Tuesday, August 18, 2009

Balancing Act


(real beer?! can it be?)



In the past few weeks, I feel like I've really learned the meaning of balance. I've been really working hard on getting back into a healthy routine since I left my job at the end of July to become a personal trainer/writer full time. I mean I had a few weeks to do nothing but work out and write and lay on the beach, right? Should have been easy, right? Unfortunately, that was not the case.

Somehow -- and I don't know how it happened -- I developed a social life. Guess that's what happens when you aren't working 40-plus hours a week and commuting 3 hours a day. Who knew? Well, anyway, a social life after 21 years of age often involves a decent amount of drinking, and that was definitely not part of my shape-up plan. Neither was an impromptu one-night trip to Michigan to live it up like a sorostitute again for one of my oldest friend's birthdays. Neither were dates with boys who do not understand why on earth you would order a light beer when it tastes like water (not that I think this, but to guys my Corona/Miller/[insert classy domestic beer] light is boring, and I'm trying to be more adventurous here!), and who think lettuce's only use is to add crunch to a burger. But the thing is, all of these things I hadn't planned on are actually pretty enjoyable, and I've been SO much happier lately. I have a life for the first time in what feels like ages, I'm meeting new people, and I'm loving summer in Chicago. And I'm learning that a few extra calories here and there don't have to completely throw me off.
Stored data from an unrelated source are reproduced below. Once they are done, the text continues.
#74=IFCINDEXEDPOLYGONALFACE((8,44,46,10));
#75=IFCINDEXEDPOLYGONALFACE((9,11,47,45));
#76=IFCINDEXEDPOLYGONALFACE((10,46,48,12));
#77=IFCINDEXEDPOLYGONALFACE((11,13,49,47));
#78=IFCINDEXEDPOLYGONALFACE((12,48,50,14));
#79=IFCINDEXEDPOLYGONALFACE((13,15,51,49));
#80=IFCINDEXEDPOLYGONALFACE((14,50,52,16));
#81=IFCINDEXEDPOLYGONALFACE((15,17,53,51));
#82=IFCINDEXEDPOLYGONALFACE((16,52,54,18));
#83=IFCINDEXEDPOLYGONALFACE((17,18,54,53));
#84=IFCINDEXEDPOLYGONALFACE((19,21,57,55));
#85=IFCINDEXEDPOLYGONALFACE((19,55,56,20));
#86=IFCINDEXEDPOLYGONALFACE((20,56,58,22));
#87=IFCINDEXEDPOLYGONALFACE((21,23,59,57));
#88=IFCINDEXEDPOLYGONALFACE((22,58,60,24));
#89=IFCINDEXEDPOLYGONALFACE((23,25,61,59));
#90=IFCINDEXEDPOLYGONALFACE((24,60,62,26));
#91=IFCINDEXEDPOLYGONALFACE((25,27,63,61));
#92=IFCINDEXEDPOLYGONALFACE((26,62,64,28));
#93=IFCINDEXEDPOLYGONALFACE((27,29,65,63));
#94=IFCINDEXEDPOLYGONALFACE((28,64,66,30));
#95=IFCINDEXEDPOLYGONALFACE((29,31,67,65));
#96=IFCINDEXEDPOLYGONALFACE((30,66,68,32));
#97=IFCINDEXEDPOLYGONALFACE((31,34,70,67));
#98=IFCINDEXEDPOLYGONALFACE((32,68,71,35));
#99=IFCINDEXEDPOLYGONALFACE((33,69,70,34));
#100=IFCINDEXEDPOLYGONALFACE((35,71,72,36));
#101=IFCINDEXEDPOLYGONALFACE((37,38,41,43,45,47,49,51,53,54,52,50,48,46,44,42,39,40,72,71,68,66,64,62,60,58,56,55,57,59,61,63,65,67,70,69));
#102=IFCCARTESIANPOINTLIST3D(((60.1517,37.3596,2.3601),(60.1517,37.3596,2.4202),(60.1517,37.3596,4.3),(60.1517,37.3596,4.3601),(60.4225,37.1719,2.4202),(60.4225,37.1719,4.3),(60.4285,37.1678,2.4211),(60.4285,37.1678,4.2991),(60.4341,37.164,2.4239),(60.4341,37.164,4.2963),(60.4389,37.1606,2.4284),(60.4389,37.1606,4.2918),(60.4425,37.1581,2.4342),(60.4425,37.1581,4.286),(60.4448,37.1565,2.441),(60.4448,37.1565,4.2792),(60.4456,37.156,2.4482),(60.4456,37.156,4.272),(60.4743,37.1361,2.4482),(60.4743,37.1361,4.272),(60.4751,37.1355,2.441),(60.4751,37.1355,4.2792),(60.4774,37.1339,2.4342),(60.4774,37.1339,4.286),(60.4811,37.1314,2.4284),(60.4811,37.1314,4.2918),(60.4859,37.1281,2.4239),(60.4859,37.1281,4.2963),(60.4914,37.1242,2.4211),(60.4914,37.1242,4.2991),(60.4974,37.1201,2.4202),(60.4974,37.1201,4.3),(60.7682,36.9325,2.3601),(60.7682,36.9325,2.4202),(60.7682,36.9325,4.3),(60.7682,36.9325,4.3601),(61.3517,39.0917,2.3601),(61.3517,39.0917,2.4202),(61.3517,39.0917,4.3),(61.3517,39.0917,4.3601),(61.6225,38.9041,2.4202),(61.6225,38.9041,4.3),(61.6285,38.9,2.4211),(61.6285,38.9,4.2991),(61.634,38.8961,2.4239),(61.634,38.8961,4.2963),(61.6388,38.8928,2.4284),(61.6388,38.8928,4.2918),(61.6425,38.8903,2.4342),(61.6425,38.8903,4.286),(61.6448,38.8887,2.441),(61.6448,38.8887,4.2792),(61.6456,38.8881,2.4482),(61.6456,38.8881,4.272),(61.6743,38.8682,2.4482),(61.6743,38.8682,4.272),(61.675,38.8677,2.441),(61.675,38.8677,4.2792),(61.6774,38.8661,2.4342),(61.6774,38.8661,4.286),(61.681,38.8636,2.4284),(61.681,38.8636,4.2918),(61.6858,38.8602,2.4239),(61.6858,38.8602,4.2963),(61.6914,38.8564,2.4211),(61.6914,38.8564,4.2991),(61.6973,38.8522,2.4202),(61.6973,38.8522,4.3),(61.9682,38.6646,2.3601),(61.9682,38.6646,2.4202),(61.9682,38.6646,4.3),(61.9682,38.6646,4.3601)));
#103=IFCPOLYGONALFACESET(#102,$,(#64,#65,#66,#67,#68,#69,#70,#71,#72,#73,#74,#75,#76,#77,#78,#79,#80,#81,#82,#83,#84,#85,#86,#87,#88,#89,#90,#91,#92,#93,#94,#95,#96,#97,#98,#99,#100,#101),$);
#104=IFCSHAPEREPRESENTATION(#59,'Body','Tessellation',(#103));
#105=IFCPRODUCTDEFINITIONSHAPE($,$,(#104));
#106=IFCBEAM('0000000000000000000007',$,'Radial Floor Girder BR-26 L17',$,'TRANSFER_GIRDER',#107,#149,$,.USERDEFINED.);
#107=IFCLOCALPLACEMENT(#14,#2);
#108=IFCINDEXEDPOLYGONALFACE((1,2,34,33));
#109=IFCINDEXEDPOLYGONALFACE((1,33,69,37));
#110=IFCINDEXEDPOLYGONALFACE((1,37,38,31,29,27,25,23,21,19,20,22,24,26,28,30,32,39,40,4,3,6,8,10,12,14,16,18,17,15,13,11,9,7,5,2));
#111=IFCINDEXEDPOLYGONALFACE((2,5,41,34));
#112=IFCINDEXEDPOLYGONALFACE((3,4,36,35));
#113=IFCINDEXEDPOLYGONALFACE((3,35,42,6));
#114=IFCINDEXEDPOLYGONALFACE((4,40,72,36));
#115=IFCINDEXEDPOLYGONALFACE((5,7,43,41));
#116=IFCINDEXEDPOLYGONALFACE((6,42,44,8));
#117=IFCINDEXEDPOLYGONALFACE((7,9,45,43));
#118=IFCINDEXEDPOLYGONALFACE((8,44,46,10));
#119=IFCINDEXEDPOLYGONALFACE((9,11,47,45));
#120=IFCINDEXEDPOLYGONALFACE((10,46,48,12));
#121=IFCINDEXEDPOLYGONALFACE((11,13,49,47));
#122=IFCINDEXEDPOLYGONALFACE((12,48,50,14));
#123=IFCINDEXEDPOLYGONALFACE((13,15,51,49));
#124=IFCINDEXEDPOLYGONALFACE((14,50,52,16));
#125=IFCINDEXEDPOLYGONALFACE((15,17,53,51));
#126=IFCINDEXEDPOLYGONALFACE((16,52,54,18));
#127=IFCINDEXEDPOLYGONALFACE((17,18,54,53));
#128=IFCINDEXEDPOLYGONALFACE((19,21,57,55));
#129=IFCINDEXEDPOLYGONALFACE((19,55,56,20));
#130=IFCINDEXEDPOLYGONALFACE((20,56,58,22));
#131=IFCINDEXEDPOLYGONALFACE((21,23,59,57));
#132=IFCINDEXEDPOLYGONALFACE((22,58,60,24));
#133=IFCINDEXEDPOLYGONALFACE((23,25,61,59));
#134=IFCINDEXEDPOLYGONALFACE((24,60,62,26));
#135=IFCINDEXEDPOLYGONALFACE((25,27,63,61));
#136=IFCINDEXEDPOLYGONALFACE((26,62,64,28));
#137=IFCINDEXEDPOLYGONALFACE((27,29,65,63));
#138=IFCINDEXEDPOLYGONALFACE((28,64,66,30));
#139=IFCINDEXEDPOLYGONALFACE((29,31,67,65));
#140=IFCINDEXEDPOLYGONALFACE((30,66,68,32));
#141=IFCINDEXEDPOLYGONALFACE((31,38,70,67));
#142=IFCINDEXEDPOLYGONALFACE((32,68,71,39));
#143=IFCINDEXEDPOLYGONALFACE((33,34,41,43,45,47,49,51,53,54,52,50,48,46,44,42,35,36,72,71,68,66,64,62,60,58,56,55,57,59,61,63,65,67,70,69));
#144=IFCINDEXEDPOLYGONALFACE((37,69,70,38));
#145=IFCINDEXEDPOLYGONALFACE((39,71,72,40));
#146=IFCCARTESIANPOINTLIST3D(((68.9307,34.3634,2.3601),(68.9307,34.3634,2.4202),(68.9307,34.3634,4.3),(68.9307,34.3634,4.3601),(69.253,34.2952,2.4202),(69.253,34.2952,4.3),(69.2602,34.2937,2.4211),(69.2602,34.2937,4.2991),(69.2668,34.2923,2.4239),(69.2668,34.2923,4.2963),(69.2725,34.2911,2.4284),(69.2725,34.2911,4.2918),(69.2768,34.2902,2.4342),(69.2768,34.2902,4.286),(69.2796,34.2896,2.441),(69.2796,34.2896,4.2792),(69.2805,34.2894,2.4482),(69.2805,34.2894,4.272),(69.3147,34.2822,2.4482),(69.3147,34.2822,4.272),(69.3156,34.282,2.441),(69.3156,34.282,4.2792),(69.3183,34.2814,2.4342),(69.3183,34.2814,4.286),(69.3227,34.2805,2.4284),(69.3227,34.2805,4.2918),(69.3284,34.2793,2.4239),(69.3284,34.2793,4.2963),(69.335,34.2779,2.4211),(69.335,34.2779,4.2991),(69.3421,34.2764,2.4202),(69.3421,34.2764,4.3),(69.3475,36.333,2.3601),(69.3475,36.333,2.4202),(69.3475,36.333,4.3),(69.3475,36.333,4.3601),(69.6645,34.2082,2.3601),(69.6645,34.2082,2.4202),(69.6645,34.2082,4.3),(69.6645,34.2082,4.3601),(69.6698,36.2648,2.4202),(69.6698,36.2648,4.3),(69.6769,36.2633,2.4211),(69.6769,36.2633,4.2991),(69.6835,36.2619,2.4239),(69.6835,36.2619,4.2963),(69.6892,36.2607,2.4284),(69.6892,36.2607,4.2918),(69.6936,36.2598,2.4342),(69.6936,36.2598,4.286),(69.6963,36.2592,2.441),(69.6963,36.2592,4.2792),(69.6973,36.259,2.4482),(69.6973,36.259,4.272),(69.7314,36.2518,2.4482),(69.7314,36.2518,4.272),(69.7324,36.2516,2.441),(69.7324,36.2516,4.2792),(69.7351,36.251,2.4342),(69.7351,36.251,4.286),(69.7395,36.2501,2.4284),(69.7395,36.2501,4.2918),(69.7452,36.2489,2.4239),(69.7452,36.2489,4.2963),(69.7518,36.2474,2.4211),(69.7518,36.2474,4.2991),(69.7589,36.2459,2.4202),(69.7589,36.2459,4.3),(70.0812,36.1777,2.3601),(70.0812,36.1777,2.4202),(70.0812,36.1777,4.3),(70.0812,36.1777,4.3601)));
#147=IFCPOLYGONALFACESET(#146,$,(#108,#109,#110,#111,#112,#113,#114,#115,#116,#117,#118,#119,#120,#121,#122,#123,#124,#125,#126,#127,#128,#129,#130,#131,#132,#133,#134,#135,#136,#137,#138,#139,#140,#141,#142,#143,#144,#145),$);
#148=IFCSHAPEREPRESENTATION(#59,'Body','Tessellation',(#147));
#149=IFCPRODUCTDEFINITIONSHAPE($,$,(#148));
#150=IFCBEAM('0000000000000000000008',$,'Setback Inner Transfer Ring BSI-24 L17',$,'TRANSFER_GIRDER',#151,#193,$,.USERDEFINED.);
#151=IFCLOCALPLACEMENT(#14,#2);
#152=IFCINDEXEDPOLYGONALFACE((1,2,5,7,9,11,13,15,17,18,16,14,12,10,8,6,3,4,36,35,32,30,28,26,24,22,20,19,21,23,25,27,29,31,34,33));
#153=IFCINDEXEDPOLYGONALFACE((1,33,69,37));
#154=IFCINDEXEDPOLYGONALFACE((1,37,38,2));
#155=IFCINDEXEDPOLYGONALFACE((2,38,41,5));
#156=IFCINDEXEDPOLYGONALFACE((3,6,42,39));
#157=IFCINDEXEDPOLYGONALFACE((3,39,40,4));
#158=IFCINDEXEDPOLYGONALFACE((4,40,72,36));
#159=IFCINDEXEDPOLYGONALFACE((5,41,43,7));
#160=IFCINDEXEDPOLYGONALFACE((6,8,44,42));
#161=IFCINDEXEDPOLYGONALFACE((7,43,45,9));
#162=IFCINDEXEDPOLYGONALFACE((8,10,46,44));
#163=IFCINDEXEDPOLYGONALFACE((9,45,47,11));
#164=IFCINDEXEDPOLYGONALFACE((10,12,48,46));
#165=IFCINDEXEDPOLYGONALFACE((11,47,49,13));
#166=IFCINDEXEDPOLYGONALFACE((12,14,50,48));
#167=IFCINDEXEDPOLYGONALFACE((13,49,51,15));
Oh, right, and I'm relearning this whole flexibility thing, which for a semi Type-A personality like myself, can be a bit difficult to master at times. I'm kicking ass at the gym, and training for a half marathon with a friend long-distance (hi, Rach!). I've been lifting a ton again too, which I love because my body always looks better even if the pounds aren't flying off. And truth be told, I love lifting as much as possible and feeling like a total dude at the gym. Anyway, all of this has been a good lesson for me, and I've been handling it rather well. Was every day the epitome of balance? Was I perfect? Not by a long shot. But overall, the pattern has been pretty good. I eat well most days, and if someone calls and wants to go out, I can handle it without thinking that 2 drinks is going to completely derail me. Even if I get off track for a few days (uhhh, this weekend included two nights of staying out until 4am --who am I!?), I'm finding that I'm much better able to deal. And get back on track the next chance I get. I think I may be heading towards --dare I say it? --normal eating territory. And it feels pretty good.


This is totally me at the gym everyday. Juuuust kidding.